Experts agree there are really only two possibilities, one much more likely than the other. Either the credit-card data was stored by the Web site in plain text, readable by anyone who gained access to the computer, and Maxus simply copied the data -- or the intruder managed to decrypt an encrypted database full of card numbers. Most think CD Universe hadn't encrypted their user data.

"It's the dirty little secret of e-commerce," said Dave Mullan, CEO of online payment processing company Vitessa "People are using technologies that aren't secured to the level they need to be... you'd be surprised at how lazy some companies' processes are."

It's still unknown which of thousands of possible vulnerabilities Maxus might have used to break into CD Universe's computers in the first place. When the break-in was reported, Brad Greenspan, chairman of CD Universe parent company eUniverse, blamed credit-card processing software called ICVerify. The New York Times also reported on Monday that Maxus told the paper he exploited a flaw in ICVerify.

Recently acquired by CyberCash, this is not the only black eye ICVerify software has received recently. Just last week, it developed perhaps the nation's most significant Y2K bug. After 1 January, the system was charging consumers repeatedly for the same purchase.

ICVerify is off-the-shelf e-commerce software that sells for around $400; one of its selling points, according to one reseller, is the fact that the software tracks customers and allows merchants to store credit-card numbers.

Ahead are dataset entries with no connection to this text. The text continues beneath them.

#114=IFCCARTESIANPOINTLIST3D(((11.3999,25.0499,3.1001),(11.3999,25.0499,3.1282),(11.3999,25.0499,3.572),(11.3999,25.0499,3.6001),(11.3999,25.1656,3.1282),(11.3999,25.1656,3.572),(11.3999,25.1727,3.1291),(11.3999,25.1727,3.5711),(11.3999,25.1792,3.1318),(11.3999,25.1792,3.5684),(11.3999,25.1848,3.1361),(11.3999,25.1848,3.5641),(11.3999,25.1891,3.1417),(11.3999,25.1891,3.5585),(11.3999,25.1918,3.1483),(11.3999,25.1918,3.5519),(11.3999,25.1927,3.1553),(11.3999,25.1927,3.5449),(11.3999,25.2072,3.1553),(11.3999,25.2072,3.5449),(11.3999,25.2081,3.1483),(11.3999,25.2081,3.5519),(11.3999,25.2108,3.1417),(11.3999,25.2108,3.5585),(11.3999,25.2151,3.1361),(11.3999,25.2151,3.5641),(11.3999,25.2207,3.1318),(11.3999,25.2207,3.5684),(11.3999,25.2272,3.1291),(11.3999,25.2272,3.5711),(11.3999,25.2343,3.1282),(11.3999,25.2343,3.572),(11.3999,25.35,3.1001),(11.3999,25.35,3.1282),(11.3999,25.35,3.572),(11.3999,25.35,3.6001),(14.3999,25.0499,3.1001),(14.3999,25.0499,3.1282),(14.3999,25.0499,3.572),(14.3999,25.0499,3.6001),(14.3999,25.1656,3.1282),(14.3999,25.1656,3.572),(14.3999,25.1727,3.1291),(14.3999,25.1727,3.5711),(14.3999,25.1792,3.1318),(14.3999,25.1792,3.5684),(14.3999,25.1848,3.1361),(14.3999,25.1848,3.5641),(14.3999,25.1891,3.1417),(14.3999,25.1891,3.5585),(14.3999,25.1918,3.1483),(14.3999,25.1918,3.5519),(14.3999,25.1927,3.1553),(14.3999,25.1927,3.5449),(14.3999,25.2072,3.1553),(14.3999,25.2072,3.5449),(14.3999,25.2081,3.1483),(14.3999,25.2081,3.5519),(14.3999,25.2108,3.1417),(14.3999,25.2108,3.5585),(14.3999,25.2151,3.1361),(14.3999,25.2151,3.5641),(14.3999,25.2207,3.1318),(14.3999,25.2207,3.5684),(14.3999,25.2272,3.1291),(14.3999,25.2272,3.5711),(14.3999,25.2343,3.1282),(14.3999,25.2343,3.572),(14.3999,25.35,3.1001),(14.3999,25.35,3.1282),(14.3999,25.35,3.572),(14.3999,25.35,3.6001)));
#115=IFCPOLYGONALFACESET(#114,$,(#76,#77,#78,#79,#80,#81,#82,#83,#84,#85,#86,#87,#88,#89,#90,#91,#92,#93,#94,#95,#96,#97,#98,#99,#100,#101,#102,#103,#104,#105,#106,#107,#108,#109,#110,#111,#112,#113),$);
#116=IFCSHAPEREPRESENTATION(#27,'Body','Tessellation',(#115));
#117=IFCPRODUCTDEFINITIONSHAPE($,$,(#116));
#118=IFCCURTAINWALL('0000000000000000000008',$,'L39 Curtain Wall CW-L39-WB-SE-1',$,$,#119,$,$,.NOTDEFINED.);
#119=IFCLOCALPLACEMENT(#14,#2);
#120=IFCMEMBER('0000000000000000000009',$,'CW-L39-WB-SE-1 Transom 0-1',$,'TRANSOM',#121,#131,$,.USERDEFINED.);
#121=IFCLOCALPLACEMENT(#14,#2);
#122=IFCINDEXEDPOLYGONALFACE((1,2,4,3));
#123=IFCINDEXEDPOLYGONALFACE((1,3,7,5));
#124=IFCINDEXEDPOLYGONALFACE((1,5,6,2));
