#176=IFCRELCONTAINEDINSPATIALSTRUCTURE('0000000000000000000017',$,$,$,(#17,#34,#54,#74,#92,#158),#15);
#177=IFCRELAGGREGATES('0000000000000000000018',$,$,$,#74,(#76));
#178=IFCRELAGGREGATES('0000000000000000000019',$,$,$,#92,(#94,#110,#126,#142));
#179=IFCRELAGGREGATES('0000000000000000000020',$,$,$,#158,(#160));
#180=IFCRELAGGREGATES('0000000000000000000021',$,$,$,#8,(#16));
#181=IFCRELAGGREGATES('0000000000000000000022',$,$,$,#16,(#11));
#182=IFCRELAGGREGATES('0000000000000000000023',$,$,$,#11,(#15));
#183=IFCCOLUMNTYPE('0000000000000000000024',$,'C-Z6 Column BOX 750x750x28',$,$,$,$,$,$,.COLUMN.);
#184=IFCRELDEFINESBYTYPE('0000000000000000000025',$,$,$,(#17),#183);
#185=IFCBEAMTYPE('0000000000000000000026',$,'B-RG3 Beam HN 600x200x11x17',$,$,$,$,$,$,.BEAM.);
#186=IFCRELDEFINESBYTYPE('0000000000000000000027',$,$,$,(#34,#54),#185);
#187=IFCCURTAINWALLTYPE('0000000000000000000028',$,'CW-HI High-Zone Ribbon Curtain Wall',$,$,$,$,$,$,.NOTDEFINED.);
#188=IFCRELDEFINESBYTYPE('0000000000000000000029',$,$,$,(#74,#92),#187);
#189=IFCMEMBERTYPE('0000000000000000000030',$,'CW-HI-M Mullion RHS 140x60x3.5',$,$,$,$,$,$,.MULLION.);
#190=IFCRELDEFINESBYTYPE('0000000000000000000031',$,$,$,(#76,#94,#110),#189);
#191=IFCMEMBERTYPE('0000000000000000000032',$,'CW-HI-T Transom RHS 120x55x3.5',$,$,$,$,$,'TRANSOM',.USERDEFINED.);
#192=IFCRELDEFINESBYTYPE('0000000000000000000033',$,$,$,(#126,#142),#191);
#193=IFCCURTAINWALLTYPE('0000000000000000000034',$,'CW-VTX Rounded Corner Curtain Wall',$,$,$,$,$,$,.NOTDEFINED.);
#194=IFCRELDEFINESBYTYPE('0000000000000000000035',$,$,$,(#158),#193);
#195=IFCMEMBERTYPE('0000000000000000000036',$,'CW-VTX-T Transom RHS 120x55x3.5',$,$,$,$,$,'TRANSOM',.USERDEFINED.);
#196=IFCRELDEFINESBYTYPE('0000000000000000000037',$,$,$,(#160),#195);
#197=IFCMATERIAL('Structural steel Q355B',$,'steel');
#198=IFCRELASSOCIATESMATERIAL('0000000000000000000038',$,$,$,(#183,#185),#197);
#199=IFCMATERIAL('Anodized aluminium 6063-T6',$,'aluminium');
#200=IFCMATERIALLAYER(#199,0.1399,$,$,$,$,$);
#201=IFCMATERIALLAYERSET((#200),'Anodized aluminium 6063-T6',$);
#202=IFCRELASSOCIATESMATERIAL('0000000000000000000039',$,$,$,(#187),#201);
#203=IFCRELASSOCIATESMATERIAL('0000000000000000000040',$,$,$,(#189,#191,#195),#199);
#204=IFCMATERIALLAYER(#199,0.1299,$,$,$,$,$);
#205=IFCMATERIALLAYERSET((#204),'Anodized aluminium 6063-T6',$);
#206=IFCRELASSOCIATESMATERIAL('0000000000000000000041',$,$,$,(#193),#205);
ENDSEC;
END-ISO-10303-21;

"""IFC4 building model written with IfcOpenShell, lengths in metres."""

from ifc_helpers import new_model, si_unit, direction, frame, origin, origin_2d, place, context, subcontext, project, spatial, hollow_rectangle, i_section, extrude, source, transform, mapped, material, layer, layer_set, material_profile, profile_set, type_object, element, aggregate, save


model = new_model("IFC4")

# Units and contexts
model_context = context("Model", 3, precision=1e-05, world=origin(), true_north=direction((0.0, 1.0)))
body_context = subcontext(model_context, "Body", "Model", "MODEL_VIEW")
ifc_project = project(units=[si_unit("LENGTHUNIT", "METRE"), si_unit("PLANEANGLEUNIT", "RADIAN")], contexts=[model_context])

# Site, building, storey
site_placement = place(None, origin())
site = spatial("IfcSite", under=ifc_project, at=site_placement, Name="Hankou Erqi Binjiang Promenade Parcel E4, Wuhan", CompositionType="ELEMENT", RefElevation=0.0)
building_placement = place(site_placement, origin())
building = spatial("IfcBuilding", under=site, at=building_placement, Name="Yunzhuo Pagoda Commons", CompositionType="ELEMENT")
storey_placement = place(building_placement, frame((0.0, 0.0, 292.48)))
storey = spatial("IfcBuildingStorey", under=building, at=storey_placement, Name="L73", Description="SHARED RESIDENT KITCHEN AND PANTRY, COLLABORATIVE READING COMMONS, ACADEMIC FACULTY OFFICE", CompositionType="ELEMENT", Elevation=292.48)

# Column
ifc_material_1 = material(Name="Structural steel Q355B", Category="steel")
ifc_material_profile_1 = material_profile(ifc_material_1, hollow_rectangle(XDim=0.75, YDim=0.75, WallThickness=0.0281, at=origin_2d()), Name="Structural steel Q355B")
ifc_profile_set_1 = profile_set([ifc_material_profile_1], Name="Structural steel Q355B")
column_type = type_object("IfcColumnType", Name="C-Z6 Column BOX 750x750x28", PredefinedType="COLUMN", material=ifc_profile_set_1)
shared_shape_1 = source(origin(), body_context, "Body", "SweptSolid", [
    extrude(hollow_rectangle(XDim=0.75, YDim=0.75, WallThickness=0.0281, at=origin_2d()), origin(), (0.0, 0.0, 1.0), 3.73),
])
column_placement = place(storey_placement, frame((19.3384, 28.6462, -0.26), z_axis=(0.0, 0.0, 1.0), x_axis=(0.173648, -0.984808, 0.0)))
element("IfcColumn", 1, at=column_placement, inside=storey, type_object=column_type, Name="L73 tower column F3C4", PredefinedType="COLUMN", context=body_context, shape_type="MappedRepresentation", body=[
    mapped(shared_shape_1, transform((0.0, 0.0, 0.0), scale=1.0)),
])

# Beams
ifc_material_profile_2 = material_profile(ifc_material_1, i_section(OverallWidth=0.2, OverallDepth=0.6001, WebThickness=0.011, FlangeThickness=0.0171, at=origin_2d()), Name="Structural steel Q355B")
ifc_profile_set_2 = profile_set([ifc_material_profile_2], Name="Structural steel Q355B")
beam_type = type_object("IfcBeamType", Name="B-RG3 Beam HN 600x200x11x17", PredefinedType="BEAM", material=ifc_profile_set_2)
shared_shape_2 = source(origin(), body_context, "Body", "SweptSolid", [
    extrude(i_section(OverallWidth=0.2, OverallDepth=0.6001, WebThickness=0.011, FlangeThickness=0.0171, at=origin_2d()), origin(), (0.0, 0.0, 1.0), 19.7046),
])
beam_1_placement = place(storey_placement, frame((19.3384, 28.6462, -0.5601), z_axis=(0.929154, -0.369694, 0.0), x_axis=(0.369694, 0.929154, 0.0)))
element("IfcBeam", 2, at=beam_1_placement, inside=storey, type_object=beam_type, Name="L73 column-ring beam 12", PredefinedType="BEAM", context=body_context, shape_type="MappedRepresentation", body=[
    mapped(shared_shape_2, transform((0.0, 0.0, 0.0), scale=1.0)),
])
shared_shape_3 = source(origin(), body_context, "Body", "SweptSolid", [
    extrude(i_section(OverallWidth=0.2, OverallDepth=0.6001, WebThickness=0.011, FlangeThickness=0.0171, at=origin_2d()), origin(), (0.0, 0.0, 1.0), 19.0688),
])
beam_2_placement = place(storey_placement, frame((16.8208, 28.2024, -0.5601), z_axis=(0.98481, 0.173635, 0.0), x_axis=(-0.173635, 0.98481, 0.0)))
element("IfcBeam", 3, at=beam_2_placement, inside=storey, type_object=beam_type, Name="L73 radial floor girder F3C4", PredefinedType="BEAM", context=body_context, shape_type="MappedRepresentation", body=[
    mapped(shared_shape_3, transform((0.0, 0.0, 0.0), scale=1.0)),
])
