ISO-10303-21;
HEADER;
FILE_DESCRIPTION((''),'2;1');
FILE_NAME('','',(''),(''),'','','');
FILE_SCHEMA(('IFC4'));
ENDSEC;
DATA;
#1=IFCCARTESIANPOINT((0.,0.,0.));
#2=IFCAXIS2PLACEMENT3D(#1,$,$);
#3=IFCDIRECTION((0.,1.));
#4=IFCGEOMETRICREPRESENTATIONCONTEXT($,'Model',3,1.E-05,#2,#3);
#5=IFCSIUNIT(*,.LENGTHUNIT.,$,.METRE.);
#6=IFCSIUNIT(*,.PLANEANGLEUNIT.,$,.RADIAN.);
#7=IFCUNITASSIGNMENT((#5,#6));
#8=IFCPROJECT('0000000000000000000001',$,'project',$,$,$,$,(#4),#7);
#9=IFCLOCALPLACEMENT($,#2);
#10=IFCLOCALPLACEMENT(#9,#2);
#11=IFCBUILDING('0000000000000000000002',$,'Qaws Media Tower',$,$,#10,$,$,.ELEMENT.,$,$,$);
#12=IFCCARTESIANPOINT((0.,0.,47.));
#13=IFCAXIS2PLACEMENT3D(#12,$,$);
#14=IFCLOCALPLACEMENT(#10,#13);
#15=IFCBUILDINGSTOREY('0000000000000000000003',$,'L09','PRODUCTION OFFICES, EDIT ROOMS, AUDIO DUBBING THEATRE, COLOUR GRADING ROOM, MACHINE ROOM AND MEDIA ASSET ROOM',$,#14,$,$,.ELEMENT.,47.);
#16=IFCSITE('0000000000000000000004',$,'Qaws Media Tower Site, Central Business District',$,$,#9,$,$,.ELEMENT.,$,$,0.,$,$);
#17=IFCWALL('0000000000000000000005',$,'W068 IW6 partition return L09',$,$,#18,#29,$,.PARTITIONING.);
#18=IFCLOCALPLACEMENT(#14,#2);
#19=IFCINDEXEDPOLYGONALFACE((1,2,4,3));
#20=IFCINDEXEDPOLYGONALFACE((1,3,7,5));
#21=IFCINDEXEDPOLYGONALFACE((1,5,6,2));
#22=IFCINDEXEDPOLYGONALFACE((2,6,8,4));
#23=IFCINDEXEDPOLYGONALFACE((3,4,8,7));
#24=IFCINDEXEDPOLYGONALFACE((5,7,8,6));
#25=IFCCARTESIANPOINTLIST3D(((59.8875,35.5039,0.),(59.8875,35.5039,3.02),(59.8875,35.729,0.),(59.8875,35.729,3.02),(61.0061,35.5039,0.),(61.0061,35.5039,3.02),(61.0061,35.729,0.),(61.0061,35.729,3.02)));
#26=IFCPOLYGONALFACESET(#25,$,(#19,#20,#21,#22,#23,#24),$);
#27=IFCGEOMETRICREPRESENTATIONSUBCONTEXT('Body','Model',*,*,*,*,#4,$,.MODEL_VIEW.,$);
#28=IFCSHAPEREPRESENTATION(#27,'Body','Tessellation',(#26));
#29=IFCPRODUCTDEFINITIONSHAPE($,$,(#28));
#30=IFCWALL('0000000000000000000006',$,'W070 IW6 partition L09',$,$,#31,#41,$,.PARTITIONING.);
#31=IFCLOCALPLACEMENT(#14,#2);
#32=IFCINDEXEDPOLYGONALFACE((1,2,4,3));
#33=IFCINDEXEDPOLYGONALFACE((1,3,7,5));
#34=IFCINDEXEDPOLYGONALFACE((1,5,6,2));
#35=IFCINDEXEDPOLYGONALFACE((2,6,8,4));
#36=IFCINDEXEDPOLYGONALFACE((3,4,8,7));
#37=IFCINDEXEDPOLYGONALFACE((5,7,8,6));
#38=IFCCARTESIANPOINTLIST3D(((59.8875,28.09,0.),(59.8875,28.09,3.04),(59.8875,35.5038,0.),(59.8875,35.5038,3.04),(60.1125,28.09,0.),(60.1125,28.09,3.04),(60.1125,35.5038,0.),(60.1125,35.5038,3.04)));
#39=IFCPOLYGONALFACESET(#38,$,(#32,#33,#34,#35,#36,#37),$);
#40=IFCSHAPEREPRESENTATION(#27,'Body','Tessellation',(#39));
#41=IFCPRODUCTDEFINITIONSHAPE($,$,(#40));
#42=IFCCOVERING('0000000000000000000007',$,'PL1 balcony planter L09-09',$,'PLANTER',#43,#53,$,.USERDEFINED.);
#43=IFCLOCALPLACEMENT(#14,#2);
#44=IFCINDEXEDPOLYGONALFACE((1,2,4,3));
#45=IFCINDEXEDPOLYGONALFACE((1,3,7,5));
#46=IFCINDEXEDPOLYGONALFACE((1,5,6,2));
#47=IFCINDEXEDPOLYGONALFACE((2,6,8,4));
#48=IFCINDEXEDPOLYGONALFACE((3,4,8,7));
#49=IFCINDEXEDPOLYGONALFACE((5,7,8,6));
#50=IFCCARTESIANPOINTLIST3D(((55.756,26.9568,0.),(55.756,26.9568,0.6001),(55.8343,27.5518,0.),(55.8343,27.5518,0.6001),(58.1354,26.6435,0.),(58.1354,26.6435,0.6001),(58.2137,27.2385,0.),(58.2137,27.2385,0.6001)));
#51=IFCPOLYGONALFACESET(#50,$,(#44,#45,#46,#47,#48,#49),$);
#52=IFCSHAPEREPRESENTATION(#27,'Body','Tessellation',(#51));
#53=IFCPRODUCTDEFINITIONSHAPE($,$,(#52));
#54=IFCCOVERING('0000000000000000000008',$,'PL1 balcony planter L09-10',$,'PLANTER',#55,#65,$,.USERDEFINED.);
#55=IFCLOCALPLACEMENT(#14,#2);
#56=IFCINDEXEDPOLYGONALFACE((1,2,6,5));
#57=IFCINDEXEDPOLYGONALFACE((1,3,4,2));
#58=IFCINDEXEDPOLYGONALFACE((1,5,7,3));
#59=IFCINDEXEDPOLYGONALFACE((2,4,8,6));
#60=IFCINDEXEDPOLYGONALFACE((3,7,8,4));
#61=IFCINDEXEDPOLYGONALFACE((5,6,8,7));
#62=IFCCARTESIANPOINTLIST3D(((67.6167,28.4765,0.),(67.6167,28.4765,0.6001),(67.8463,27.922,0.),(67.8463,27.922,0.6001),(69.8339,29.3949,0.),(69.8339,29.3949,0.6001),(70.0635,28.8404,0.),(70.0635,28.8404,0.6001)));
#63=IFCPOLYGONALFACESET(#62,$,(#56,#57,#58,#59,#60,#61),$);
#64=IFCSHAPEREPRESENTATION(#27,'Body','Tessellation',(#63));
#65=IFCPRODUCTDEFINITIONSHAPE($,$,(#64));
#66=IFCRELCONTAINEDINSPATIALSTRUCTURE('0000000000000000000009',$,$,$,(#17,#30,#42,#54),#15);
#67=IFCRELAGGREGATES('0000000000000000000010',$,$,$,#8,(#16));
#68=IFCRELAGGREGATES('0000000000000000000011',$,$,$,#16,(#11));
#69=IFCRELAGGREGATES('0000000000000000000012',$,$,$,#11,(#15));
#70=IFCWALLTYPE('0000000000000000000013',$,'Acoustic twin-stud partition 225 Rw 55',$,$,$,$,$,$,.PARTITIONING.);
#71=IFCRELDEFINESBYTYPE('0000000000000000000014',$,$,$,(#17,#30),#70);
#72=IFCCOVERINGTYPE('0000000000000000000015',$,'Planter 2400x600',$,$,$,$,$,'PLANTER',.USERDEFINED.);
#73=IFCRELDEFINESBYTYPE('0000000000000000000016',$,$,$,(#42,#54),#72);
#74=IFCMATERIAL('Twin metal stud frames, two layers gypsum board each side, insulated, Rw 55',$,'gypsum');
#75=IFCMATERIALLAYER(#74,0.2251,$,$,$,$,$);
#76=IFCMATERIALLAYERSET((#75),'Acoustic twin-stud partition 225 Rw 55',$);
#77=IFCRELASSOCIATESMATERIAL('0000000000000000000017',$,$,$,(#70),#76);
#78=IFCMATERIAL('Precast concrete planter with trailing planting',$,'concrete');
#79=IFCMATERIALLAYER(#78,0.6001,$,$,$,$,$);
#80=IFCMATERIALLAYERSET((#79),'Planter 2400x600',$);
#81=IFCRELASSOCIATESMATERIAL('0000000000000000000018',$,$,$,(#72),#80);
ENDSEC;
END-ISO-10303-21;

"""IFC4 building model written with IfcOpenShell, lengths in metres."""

from ifc_helpers import new_model, si_unit, direction, frame, frame_2d, origin, origin_2d, place, context, subcontext, project, spatial, rectangle, extrude, material, layer, layer_set, type_object, element, save


model = new_model("IFC4")

# Units and contexts
model_context = context("Model", 3, precision=1e-05, world=origin(), true_north=direction((0.0, 1.0)))
body_context = subcontext(model_context, "Body", "Model", "MODEL_VIEW")
ifc_project = project(units=[si_unit("LENGTHUNIT", "METRE"), si_unit("PLANEANGLEUNIT", "RADIAN")], contexts=[model_context])

# Site, building, storey
site_placement = place(None, origin())
site = spatial("IfcSite", under=ifc_project, at=site_placement, Name="Qaws Media Tower Site, Central Business District", CompositionType="ELEMENT", RefElevation=0.0)
building_placement = place(site_placement, origin())
building = spatial("IfcBuilding", under=site, at=building_placement, Name="Qaws Media Tower", CompositionType="ELEMENT")
storey_placement = place(building_placement, frame((0.0, 0.0, 47.0)))
storey = spatial("IfcBuildingStorey", under=building, at=storey_placement, Name="L09", Description="PRODUCTION OFFICES, EDIT ROOMS, AUDIO DUBBING THEATRE, COLOUR GRADING ROOM, MACHINE ROOM AND MEDIA ASSET ROOM", CompositionType="ELEMENT", Elevation=47.0)

# Walls
ifc_material_1 = material(Name="Twin metal stud frames, two layers gypsum board each side, insulated, Rw 55", Category="gypsum")
ifc_layer_1 = layer(ifc_material_1, 0.2251)
ifc_layer_set_1 = layer_set([ifc_layer_1], Name="Acoustic twin-stud partition 225 Rw 55")
wall_type_1 = type_object("IfcWallType", Name="Acoustic twin-stud partition 225 Rw 55", PredefinedType="PARTITIONING", material=ifc_layer_set_1)
wall_1_placement = place(storey_placement, frame((59.8875, 35.6165, 0.0), z_axis=(0.0, 0.0, 1.0), x_axis=(1.0, 0.0, 0.0)))
element("IfcWall", 1, at=wall_1_placement, inside=storey, type_object=wall_type_1, Name="W068 IW6 partition return L09", PredefinedType="PARTITIONING", context=body_context, shape_type="SweptSolid", body=[
    extrude(rectangle(XDim=1.1187, YDim=0.2251, at=frame_2d((0.5593, 0.0))), origin(), (0.0, 0.0, 1.0), 3.02),
])
wall_2_placement = place(storey_placement, frame((60.0, 35.5039, 0.0), z_axis=(0.0, 0.0, 1.0), x_axis=(0.0, -1.0, 0.0)))
element("IfcWall", 2, at=wall_2_placement, inside=storey, type_object=wall_type_1, Name="W070 IW6 partition L09", PredefinedType="PARTITIONING", context=body_context, shape_type="SweptSolid", body=[
    extrude(rectangle(XDim=7.4138, YDim=0.2251, at=frame_2d((3.707, 0.0))), origin(), (0.0, 0.0, 1.0), 3.04),
])

# Coverings
ifc_material_2 = material(Name="Precast concrete planter with trailing planting", Category="concrete")
ifc_layer_2 = layer(ifc_material_2, 0.6001)
ifc_layer_set_2 = layer_set([ifc_layer_2], Name="Planter 2400x600")
covering_type = type_object("IfcCoveringType", Name="Planter 2400x600", ElementType="PLANTER", PredefinedType="USERDEFINED", material=ifc_layer_set_2)
for number, where, z_axis, x_axis, name in (
    (3, (56.9849, 27.0977, 0.0), (0.0, 0.0, 1.0), (0.991445, -0.130526, 0.0), "PL1 balcony planter L09-09"),
    (4, (68.8401, 28.6584, 0.0), (0.0, 0.0, 1.0), (0.92388, 0.382683, 0.0), "PL1 balcony planter L09-10"),
):
    element("IfcCovering", number, at=place(storey_placement, frame(where, z_axis=z_axis, x_axis=x_axis)), inside=storey, type_object=covering_type, Name=name, ObjectType="PLANTER", PredefinedType="USERDEFINED", context=body_context, shape_type="SweptSolid", body=[
        extrude(rectangle(XDim=2.3999, YDim=0.6001, at=origin_2d()), origin(), (0.0, 0.0, 1.0), 0.6001),
    ])

save(model, "model.ifc")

On Tuesday, the company issued a press release saying CD Universe didn't even use ICVerify, and a company spokesperson repeated that claim to MSNBC, saying: "I don't know what the hell Brad is telling people... they told us they had credit cards stored in an SQL database."

But the spokesperson did not offer more details, and did not return phone requests for additional information. Several credit-card experts suggested that the way ICVerify records transactions could be the culprit.

According to one consultant, the software logs each transaction, then at the end of the day saves that log file -- credit-card numbers and all -- in a plain-text archive file. According to an ICVerify reseller, up to nine years of data can be saved. This makes printing business-analysis reports easy, but it also makes life easy for criminals. Once they gain access to the computer performing the credit-card verification services, they can see in plain text all the cards ever processed.

The logs aren't prohibitively large files. "You have to assume that it's pretty much everywhere by now," according to one informed source.

On CD Universe's Web site, the company claims to have "successfully processed over 300,000 credit-card transactions". That's the same number of cards Maxum claims to have stolen. "This scenario is very likely. I would guess that is what happened all along," Levy said. "Perhaps they didn't realise the logs existed and they never bothered to delete them."

In email correspondence, a writer claiming to be Maxus refused to say ICVerify's logs were the culprit -- in fact, he spread blame around a bit.

"CyberCash (ICVerify's owner) is lame, because (it) stores *.set files in plain text with important data," he wrote. "Microsoft is lame because I can view in plain text their *.MDB files... "

All of which points to the central question surrounding credit-card use on the Internet. While plenty of attention has been paid to encrypting important data while it travels across the Net from consumers to Web sites and back again (so-called SSL encryption), little has been paid to how the information is stored by merchants.

"The real issue is, why are merchants storing the credit cards at all?" said Jim Cannavino, CEO of CyberSafe. His company is promoting a new online transaction scheme that eliminates credit card numbers entirely. "I thought it was going to happen last year. Hackers would realise they can access credit information in merchant systems... you've created a lucrative environment for a hacker to go to."